I'm really curious what is your main use for that build haha

None of the less, you must have a good job to finance this operation, although it's probably still cheaper than owning and driving your car instead


----------



## aBicycle (Jun 13, 2012)

How the crap did you do this for under a grand? When I built up my cross check the frame alone was like $500 or so after the headset and frame prep.

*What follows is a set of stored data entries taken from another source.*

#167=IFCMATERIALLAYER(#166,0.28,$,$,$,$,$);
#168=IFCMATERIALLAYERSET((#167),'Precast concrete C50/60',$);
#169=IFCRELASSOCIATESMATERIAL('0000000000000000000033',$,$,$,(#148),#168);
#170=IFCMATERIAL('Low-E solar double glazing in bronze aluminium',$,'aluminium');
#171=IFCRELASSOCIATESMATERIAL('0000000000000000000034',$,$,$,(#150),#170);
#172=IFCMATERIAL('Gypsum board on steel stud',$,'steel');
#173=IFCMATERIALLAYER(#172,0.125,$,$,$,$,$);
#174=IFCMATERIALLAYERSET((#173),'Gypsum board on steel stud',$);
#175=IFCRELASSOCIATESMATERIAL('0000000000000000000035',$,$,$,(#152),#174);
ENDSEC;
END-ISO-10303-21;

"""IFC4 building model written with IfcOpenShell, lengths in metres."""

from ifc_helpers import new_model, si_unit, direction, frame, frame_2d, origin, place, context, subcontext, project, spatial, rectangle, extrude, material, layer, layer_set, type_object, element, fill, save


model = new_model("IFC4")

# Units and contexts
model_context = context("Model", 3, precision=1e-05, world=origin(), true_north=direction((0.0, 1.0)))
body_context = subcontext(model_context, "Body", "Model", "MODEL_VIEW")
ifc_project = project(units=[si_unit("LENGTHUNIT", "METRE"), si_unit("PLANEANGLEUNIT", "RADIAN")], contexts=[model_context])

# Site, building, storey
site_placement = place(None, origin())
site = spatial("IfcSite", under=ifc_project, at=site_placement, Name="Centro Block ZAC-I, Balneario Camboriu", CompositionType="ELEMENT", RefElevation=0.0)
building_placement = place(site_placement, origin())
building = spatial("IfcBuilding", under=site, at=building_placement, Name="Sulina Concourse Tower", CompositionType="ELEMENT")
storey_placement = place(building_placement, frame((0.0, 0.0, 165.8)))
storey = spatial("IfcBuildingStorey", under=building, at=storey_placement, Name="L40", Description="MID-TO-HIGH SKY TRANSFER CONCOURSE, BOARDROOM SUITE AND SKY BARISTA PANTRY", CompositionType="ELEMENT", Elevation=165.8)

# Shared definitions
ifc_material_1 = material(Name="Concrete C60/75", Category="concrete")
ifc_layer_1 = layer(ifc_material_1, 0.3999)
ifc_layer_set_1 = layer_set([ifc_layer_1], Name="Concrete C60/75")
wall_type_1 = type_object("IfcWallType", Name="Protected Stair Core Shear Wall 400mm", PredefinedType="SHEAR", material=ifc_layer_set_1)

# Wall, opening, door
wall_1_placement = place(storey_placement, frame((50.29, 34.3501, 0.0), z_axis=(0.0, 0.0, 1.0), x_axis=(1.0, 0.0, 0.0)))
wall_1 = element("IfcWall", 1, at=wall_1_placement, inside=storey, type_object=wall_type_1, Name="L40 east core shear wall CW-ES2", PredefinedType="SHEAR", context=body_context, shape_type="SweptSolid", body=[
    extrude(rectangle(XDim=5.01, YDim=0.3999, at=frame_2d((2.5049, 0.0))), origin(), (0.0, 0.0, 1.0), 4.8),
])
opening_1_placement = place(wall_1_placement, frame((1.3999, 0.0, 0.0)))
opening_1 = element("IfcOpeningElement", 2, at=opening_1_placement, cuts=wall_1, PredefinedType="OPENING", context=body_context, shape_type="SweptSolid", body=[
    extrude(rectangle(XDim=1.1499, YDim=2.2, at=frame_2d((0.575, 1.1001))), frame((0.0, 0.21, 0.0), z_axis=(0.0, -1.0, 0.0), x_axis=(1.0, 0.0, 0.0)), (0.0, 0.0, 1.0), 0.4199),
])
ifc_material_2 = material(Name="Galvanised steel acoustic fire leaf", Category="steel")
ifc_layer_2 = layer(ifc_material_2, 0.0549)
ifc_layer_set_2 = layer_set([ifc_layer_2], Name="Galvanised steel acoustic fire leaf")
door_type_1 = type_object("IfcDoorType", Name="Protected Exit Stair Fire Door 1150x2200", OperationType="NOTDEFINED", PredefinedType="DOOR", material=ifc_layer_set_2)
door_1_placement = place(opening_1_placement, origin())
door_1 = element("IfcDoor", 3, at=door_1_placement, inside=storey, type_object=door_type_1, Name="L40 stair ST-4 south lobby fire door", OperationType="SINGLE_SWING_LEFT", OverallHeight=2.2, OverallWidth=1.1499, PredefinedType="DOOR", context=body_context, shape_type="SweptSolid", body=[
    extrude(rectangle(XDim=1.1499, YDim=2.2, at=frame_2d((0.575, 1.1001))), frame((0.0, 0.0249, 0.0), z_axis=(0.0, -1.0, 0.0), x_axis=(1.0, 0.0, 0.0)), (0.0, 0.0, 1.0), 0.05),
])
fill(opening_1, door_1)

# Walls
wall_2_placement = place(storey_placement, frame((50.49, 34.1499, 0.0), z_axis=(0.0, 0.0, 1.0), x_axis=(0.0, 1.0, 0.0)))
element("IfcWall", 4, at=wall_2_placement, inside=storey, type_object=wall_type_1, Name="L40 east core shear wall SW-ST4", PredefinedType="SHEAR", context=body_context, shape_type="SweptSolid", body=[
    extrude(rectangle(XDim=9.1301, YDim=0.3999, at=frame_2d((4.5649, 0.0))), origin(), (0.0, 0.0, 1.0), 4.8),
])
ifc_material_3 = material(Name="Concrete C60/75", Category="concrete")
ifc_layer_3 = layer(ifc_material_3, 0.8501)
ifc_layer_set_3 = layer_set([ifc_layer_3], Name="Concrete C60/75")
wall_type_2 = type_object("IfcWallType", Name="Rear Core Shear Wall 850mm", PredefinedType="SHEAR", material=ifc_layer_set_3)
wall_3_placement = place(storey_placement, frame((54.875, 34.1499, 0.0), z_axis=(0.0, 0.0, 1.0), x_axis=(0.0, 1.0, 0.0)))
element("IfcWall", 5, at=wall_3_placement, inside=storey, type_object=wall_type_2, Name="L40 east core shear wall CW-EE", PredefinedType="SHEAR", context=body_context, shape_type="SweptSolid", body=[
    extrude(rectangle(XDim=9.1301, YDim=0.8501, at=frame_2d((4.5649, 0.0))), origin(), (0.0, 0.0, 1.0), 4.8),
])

Then the wheels brought it to about a grand before anything else.


----------



## darinmg (Feb 16, 2012)

Read his post again....he trippled his budget, and isn't done yet

Sent from my Note 2


----------



## mitchy (May 12, 2013)

fenders and mud guards need not apply... they would ruin the sleek lines, not to mention add unnecessary grams. 
i work from home, so fortunately it's not left anywhere often, mainly for cruising around town and running errands.

not even close to 1k! the initial build with minimal carbon was around the 2k mark, and came in just under 10kg... then i tried to get to 9kg and thought i would stop. now i'm so close to 8kg.... (could easily drop off 300 grams on wheels, and ~3-400 on frame, but i'm not giving up the cobalts as the style suits the build so well. carbon disc CX frame will coming later though... just need to find something that has cable routing for hydraulic brakes)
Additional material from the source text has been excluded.